Suicide Squad: Kill The Justice League, the live-service multiplayer game from famed Batman: Arkham series developer Rocksteady Studios, hit PlayStation 5, Xbox Series X/S, and PC back in February to middling reviews and disappointment from players. Now, a new report from Bloomberg details the game's behind-the-scenes troubles, including a culture of "toxic positivity," shifting visions, and more, ultimately resulting in the game being a $200 million loss for parent company Warner Bros. Discovery.
Bloomberg reports that following the release of DC's Suicide Squad in 2016, which made $750 million at the box office on a budget of $175 million, Warner Bros. wanted to build on that IP's success. Warner Bros. Montreal, which developed 2022's Gotham Knights, was working on a Suicide Squad game that Bloomberg says was struggling to come together. Notably, Warner Bros. Montreal's 2013 game Batman: Arkham Origins ended with a tease about an in-universe Suicide Squad. As a result, Warner Bros. looked to Rocksteady to capitalize on the Suicide Squad name instead.
At the time, following the 2015 release of Batman: Arkham Knight, studio co-founders Jamie Walker and Sefton Hill were working on "a prototype of an original multiplayer puzzle-solving game, codnamed Stones," Bloomberg writes. But around the end of 2016, Walker and Hill told Rocksteady staff they were switching gears to develop a Suicide Squad game with plans to release it in 2019 or 2020. This game would be a live-service multiplayer title, or a games-as-a-service as titles in the genre are sometimes referred to, aiming to capture the seasonal excitement (and money) of games like Destiny 2, Fortnite, and others.

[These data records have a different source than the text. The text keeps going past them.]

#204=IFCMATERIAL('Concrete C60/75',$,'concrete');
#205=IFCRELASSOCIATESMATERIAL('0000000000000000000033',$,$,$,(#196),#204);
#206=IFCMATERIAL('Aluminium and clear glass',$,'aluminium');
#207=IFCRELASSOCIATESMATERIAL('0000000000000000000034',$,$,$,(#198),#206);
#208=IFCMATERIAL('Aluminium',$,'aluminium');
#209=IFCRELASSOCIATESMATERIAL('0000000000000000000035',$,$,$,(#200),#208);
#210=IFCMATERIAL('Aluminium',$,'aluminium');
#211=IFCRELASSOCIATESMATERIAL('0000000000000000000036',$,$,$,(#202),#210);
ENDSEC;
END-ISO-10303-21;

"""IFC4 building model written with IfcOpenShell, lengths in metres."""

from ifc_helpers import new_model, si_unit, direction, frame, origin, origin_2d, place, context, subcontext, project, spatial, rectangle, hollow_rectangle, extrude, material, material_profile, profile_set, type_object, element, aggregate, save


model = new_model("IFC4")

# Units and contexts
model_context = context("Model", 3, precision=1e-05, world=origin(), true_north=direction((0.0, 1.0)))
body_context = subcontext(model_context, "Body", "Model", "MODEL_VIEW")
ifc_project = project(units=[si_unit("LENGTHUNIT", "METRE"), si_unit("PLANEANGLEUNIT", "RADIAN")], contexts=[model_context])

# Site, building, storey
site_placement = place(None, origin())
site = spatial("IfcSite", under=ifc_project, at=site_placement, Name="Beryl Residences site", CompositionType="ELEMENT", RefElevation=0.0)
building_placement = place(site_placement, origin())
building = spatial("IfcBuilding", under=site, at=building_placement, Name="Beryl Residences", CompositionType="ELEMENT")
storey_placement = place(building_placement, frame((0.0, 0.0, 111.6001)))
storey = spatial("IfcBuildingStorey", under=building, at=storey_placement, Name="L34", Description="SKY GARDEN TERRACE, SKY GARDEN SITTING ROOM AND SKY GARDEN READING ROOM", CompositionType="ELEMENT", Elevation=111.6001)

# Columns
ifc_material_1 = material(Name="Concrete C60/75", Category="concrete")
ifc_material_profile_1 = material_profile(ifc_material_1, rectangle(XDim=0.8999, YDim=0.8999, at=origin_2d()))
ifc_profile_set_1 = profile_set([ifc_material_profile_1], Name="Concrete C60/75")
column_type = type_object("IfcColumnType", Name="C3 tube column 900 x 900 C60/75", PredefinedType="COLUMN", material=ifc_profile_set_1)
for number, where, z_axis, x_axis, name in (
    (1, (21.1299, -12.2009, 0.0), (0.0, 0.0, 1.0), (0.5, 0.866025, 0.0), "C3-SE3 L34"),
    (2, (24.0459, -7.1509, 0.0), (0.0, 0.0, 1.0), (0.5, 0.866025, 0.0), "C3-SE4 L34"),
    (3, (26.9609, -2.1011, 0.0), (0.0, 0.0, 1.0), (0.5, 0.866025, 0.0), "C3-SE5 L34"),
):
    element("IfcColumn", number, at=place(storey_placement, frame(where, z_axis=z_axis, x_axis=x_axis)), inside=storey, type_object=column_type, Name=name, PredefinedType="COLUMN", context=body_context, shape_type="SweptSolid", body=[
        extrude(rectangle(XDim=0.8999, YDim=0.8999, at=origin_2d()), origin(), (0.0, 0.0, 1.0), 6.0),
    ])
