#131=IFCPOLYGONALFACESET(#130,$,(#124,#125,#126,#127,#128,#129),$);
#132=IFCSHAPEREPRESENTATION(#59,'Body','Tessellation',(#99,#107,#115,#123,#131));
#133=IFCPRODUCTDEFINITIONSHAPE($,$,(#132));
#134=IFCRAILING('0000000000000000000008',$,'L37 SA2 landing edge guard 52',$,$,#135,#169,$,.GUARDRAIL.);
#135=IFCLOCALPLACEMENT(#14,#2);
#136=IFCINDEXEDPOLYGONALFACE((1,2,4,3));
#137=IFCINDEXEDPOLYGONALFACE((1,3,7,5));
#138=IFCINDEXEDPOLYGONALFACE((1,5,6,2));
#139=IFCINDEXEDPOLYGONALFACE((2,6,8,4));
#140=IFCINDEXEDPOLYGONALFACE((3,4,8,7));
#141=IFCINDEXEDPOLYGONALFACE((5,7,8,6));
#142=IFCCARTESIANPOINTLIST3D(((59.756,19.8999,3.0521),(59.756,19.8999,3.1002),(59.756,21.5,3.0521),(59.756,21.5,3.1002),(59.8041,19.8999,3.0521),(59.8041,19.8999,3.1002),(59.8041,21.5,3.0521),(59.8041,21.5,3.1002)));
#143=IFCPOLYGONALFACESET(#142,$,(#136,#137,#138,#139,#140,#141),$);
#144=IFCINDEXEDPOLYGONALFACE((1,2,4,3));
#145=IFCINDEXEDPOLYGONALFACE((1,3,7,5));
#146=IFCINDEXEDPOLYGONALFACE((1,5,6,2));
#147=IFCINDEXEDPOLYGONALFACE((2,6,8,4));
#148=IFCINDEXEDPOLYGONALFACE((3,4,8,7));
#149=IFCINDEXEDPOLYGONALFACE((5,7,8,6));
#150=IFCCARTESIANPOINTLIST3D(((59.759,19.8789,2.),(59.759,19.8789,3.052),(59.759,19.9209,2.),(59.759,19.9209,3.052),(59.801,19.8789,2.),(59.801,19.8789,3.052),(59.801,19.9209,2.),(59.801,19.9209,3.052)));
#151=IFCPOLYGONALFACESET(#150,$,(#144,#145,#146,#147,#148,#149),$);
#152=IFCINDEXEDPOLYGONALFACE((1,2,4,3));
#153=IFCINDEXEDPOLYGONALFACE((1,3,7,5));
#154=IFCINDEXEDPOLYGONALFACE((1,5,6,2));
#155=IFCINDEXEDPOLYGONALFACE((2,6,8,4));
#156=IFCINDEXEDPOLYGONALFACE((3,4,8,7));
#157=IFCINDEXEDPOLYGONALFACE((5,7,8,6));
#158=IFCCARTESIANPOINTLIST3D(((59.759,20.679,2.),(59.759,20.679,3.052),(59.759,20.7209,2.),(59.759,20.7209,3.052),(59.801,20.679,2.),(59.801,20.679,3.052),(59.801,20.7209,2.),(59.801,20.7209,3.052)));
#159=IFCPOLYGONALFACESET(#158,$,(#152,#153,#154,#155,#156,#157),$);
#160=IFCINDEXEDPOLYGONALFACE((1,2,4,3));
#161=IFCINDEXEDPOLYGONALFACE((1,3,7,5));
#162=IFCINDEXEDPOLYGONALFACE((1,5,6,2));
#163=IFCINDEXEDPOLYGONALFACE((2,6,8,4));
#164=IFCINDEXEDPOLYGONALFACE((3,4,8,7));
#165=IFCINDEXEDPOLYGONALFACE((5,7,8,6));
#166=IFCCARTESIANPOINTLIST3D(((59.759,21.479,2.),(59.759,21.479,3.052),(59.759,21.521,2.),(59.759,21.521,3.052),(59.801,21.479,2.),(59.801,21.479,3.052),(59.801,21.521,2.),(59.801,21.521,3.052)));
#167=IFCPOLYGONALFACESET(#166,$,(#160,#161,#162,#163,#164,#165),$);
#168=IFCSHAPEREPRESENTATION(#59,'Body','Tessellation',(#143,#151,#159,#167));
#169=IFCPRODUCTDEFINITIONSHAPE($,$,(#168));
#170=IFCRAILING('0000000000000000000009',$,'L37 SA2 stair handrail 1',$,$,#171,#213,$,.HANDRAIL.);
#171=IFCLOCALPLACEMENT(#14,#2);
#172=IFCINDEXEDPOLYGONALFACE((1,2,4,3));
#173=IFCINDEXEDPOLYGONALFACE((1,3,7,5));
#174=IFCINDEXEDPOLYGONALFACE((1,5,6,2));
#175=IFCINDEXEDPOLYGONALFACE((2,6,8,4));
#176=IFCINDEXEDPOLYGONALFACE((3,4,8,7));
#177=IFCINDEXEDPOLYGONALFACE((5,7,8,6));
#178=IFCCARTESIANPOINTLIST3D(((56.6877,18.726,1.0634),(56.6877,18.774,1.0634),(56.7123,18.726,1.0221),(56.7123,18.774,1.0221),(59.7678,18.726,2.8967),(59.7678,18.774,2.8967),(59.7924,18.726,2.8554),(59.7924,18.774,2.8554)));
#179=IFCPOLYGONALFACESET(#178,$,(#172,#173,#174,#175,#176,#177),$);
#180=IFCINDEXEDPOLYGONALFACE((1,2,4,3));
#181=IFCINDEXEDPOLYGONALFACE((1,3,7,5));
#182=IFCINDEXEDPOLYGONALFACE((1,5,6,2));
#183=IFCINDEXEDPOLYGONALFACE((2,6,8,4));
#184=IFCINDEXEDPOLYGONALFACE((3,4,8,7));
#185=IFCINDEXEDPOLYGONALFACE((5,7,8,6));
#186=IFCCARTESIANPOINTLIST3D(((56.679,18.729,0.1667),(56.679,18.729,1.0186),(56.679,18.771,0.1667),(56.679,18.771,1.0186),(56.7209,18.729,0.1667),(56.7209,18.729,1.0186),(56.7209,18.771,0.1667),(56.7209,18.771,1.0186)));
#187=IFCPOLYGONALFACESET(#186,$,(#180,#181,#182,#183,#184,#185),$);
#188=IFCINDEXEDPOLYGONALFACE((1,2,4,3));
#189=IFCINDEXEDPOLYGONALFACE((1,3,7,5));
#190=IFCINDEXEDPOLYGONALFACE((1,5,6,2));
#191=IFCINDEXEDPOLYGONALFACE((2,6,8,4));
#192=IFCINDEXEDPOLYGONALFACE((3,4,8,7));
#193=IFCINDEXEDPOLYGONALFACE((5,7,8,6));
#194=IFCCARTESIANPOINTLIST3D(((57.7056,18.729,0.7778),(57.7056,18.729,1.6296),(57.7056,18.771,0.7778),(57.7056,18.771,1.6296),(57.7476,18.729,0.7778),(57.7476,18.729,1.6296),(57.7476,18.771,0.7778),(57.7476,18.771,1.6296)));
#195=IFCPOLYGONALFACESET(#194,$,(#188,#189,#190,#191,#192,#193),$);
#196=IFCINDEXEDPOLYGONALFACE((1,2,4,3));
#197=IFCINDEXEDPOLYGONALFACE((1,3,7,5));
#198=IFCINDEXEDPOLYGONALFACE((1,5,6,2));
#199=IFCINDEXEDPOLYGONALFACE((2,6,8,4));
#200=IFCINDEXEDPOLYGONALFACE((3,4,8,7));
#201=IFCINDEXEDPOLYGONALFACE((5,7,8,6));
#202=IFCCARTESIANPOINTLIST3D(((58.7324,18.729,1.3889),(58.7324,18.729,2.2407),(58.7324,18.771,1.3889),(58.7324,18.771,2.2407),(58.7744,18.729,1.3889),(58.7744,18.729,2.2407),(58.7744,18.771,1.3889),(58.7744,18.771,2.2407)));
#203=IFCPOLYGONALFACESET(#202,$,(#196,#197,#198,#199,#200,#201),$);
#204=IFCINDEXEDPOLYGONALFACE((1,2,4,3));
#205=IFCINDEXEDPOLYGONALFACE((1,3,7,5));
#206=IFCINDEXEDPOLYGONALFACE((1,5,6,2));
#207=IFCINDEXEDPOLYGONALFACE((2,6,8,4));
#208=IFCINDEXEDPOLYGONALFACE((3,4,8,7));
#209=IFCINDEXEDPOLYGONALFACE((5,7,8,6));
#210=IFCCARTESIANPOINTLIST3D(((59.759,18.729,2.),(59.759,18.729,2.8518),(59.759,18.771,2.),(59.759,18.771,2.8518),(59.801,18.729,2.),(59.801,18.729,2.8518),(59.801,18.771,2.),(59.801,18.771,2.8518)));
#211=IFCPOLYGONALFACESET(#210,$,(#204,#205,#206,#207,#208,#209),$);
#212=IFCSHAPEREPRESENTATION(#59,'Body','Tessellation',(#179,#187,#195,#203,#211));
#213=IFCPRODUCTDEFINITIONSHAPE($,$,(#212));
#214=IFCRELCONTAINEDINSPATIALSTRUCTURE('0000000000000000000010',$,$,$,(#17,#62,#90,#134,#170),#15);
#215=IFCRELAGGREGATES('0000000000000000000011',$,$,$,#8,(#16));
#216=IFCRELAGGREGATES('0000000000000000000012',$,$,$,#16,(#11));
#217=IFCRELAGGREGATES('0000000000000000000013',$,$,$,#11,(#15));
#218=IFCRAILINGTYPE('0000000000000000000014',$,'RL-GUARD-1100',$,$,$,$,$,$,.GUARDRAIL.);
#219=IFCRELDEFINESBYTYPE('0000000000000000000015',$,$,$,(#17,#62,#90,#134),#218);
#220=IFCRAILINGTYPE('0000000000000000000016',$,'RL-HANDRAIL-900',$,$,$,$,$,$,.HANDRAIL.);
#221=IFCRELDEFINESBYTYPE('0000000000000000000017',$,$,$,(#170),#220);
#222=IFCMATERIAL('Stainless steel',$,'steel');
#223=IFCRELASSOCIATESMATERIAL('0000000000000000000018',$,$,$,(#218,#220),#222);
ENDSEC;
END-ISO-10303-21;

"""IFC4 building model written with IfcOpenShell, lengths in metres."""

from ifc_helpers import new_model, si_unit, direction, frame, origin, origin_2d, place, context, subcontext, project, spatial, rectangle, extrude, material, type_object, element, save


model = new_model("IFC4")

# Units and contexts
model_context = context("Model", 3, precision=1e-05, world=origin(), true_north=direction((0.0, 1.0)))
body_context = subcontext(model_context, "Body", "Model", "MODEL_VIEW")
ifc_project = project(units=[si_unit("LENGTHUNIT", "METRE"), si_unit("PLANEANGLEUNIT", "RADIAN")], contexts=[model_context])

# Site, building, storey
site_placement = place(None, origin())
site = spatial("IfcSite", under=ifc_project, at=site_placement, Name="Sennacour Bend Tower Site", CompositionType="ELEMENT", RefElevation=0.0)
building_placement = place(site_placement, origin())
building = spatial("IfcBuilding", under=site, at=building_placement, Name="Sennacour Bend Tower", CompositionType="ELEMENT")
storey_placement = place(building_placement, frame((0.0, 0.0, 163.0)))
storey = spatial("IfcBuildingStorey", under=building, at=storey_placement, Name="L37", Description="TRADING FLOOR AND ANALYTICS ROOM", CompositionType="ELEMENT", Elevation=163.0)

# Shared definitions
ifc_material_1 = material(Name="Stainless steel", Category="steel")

With no experience in multiplayer games, Rocksteady's staff ballooned from roughy 160 employees to more than 250, according to Bloomberg. As the team developed Suicide Squad, employees under Walker and Hill questioned decisions like making Captain Boomerang, one of the four playable characters who traditionally fights with a boomerang in comics, a shotgun user, or attempting to add a vehicle system in a game where each of the four playable characters already has their own unique traversal system to get around Metropolis.

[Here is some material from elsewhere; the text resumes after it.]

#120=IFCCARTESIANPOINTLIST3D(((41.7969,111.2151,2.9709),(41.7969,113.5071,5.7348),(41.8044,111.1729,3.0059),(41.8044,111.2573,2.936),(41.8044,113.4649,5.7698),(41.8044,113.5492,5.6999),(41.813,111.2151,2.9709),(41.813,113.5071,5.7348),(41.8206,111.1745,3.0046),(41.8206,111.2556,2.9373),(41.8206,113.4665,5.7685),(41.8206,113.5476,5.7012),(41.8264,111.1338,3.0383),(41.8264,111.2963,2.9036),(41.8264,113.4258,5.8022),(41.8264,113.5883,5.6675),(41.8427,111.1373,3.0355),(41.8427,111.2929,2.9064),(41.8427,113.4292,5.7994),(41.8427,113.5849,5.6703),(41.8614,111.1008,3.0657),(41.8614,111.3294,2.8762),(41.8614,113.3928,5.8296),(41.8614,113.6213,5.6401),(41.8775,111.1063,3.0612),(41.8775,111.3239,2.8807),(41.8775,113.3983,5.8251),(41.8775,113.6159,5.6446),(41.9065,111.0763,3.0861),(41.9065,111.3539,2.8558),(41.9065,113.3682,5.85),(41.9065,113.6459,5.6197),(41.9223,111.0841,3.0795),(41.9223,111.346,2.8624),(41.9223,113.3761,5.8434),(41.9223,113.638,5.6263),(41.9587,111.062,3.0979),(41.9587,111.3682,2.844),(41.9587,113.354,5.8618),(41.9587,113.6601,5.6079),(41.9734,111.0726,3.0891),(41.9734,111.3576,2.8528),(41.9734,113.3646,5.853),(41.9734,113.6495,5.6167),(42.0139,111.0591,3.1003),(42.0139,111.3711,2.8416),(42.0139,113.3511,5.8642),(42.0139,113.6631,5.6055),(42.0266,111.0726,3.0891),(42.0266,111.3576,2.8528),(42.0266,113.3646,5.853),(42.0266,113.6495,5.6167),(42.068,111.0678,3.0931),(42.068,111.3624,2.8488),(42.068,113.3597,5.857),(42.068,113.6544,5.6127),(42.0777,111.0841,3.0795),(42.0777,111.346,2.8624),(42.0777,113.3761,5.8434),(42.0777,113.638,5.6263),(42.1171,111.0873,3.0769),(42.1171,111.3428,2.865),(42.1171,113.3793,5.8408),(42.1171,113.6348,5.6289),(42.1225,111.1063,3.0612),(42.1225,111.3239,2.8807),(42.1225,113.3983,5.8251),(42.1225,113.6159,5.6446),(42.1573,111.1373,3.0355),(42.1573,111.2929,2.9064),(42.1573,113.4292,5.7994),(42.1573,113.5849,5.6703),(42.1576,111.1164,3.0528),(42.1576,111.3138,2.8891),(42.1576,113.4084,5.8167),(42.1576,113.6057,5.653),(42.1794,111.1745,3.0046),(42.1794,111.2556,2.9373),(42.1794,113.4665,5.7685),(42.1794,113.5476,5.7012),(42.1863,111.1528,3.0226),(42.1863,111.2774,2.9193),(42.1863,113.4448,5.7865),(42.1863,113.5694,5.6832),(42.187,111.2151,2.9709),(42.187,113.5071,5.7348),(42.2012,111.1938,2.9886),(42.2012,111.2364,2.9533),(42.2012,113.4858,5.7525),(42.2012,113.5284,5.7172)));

Rocksteady revealed Suicide Squad in 2020 with a 2022 release year, and in an effort to hit this deadline, Bloomberg reports engineers focused on short-term fixes that actually became "hindrances" as the game's release was eventually delayed to 2024. Elsewhere in the studio, employees waited weeks or months for Hill to review their work, slowing overall development. Hill scrapped large parts of the script and struggled to convey his ideas, according to Bloomberg, and the studio grew into a culture of "toxic positivity" where employees felt criticism was discouraged.
Throughout the game's troubled development, leadership reportedly showed no signs of worry about the game's live-service multiplayer ambitions, even as others in the genre struggled to find success. Even Rocksteady fans felt worried about the game, just from seeing trailers and gameplay previews. Then, years into development, Walker and Hill left Rocksteady to form Hundred Star Games, further putting into question Suicide Squad's future.
In early February of this year, Suicide Squad finally hit PlayStation 5, Xbox Series X/S, and PC, and the tea leaves were almost immediately clear: the game was a disappointment. Though Rocksteady is still supporting it today with updates, like adding a playable Joker character, the conversation around the game has shifted to fans of the studio wondering if Warner Bros. will layoff employees there to cut costs. Bloomberg reports, however, that during a Warner Bros. Games meeting in February, Warner Bros. Discovery head of games David Haddad said job cuts at Rocksteady wouldn't make sense as the company's gaming division is already understaffed.
According to Bloomberg, many of Rocksteady's employees are helping to develop a "Director's Cut" of the 2023 Harry Potter game, Hogwarts Legacy, the best-selling game of the year. The studio is also working to pitch a new single-player game.